I concur in the result.
The loss Smith complains of arises from Utsey's deposit of checks made payable to "Specialty Motor Cars" in Utsey's account at AmSouth Bank rather than in Smith's account at SouthTrust Bank. As the main opinion points out, Smith did not have an exclusive right to the tradename "Specialty Motor Cars." The main opinion further points out that Smith could have appropriated the tradename to himself by invoking § 8-12-1, Ala. Code 1975, but nothing before us indicates that he has done so. Under these circumstances, as the main opinion further points out, Utsey had just as much right to the use of the tradename "Specialty Motor Cars" as did Smith.

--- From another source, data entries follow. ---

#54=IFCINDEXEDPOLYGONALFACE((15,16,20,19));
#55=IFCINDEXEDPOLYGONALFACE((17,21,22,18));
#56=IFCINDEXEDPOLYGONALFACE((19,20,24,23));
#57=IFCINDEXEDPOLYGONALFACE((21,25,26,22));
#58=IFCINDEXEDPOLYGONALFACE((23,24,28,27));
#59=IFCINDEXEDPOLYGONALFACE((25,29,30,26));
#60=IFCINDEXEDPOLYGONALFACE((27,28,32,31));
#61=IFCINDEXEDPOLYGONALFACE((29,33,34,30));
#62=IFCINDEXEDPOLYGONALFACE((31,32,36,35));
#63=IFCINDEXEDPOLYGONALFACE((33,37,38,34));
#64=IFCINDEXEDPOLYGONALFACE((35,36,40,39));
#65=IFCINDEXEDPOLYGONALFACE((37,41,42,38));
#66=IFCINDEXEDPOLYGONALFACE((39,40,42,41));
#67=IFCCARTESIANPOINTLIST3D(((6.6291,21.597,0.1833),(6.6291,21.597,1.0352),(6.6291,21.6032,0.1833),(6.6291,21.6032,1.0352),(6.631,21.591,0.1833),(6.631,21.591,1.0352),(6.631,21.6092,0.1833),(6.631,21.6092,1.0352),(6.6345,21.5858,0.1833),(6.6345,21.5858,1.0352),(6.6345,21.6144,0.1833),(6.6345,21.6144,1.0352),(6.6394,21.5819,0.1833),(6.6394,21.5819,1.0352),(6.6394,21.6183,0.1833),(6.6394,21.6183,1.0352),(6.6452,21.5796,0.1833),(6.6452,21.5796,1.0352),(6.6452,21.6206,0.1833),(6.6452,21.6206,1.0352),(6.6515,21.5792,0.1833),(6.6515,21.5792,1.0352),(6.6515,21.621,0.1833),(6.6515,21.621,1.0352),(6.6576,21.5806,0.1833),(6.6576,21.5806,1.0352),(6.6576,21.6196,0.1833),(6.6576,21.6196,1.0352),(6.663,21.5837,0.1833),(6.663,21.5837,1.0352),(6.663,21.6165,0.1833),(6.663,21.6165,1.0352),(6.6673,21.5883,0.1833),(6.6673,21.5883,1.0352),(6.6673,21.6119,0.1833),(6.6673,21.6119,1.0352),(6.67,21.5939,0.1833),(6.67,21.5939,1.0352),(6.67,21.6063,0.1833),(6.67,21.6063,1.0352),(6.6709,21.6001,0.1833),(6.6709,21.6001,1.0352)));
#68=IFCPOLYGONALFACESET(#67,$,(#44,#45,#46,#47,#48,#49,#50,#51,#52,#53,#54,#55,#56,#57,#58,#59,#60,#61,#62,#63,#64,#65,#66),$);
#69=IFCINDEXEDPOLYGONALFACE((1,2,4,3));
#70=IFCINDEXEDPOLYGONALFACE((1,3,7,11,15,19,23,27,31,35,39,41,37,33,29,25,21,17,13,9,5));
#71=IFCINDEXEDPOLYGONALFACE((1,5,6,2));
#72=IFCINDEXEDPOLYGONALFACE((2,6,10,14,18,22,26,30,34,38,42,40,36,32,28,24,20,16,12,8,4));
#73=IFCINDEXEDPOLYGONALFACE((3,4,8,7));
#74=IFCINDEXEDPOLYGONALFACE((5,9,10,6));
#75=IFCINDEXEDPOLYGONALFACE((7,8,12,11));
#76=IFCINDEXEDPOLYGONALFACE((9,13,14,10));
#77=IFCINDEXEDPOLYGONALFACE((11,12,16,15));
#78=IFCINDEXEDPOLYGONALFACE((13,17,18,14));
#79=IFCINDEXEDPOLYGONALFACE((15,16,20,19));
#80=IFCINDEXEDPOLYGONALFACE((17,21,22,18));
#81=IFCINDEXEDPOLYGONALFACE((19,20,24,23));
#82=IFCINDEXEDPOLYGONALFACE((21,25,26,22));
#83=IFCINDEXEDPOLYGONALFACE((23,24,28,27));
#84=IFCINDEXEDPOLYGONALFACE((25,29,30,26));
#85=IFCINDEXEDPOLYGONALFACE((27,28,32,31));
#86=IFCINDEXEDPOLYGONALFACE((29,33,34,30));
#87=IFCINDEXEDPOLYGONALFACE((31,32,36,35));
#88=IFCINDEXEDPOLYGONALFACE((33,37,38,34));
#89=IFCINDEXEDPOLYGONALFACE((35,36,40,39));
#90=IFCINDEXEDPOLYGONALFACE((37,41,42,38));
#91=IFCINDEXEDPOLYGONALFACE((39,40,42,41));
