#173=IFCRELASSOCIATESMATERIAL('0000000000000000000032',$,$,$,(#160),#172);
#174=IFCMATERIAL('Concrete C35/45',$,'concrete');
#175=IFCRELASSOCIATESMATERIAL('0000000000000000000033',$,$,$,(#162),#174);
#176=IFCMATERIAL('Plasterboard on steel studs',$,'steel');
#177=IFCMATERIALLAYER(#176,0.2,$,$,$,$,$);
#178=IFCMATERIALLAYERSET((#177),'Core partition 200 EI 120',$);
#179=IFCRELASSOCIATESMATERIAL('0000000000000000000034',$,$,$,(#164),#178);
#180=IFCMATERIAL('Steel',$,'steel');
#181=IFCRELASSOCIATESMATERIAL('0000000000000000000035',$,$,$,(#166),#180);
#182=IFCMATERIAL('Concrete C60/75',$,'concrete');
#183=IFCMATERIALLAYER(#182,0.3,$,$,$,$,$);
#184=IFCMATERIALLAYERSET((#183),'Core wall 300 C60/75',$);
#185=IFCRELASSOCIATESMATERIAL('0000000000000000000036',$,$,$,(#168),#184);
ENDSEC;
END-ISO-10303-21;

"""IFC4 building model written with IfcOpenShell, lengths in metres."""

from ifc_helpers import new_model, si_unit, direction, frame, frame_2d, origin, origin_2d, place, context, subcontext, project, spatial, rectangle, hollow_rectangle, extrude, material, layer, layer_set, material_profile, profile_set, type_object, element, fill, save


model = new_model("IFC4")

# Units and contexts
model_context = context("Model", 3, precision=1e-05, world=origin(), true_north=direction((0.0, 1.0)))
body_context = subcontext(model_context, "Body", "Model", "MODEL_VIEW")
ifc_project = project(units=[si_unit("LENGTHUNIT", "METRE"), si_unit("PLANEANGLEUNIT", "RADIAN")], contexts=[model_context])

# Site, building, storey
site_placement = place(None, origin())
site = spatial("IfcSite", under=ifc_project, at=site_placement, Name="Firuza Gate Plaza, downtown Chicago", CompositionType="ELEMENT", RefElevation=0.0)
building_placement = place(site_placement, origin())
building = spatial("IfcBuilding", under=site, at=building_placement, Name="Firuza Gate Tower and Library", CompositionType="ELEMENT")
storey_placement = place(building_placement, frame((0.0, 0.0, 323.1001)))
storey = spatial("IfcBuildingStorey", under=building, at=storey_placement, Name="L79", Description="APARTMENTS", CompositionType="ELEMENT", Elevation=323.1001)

We are not here dealing with an impostor adopting the name of another individual whose exclusive right to use the name, vis-a-vis the impostor, is unquestioned. We had such a case inPatrick v. Union State Bank, 681 So.2d 1364, 1371 (Ala. 1996), where this Court held that "a bank owes a duty of reasonable care to the person in whose name, and upon whose identification, an account is opened to ensure that the person opening the account and to whom checks are given is not an imposter." (Emphasis added.) Because Smith failed to establish his right to the name "Specialty Motor Cars" exclusive of Utsey's right to the same name, Smith cannot avail himself of the rule in Patrick. Neither Smith nor his tradename, in which he had no exclusive rights, is "the person in whose name" the account was opened. Under these circumstances and under the rule established inPatrick, AmSouth owes no duty to Smith. Furthermore, I am unwilling to expand Patrick to embrace the circumstance, such as here, where the person claiming to be the victim of an impostor does not have the exclusive right to use the name. Whether this Court would overrule Patrick if that situation were presented is not before us.